There is a lot of information in `sims`, but right now we only care about the `estimate` column.

Let's visualize its distribution. The following figure shows the distribution of the proportion of french speakers in our simulated surveys. The taller the bar, the more frequently we see proportions around the corresponding value.

```{r, warning = FALSE, message = FALSE, results = "asis"}
# ggplot is a tidyverse package for making figures.
# We will learn more about it soon.
ggplot(sims) +
  aes(x = estimate) +
  geom_histogram() +
  labs(x = "Proportion of French Speakers")
```

How does this compare with the original CES sampling procedure? It's hard to tell, because the CES approach guarantees a 10% proportion of French speakers by design. But, as we mentioned, this is expensive to implement.

What we can do is compute how off-the-mark our sampling procedure is in average:

```{r}
sims %>% summarize(rmse = sqrt(mean((estimate-estimand)^2)))
```

This number is the **Root Mean Squared Error (RMSE).** It tells us that, in average, our estimates of the proportion are off by a certain number of percentage points. The specific value will change based on your seed, but when I did it, I got a number that rounds up to $0.01$. Which is about a $\pm 1\%$ margin of error.

# English speakers in QC

::: {.callout-note}
## **Task 4**
Repeat the simulation exercise for the smaller sample of English speakers in Quebec. Start with a sample size of 1,000 respondents. Is this a good number? Would you go higher or lower? Use either a figure or the RMSE as a criterion to choose.
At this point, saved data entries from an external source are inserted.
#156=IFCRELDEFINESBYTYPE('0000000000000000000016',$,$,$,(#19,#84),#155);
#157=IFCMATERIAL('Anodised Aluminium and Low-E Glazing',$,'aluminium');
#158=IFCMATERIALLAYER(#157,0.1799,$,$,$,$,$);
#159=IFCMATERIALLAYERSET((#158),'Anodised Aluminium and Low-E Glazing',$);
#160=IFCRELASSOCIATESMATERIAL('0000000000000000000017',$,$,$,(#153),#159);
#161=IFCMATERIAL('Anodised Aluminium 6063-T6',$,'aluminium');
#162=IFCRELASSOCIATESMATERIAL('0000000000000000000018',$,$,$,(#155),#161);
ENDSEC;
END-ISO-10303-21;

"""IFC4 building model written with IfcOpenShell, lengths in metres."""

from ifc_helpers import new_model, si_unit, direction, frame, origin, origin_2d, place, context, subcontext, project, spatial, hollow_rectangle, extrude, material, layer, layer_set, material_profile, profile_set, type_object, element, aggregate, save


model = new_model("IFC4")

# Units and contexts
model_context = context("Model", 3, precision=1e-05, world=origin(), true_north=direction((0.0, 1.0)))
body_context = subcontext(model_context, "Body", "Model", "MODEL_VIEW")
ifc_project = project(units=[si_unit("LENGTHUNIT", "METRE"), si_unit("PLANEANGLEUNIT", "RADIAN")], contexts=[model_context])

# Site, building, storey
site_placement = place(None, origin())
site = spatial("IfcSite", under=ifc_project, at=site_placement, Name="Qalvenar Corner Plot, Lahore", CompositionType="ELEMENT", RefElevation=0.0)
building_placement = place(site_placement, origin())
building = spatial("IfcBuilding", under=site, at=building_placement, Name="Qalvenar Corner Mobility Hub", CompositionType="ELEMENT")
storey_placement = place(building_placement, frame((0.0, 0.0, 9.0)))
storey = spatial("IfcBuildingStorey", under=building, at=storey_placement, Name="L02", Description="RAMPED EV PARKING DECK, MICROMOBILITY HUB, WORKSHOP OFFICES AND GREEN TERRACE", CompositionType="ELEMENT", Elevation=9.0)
Report one new design with a different sample size and explain why it is better.**

 **Hint 1:** *If you cannot come up with a reason to justify your design, consider that CES may be convinced either because the margin of error or the sample size is very small.*

 **Hint 2:** *The chapters from the RD textbook we read this week show a way to try many sample sizes on a research design at once without having to rewrite the whole design.*
:::

```{r}
# Write your code here. Feel free to separate in many code chunks
```

> Write your answer in words here. Feel free to intersperse writing and code.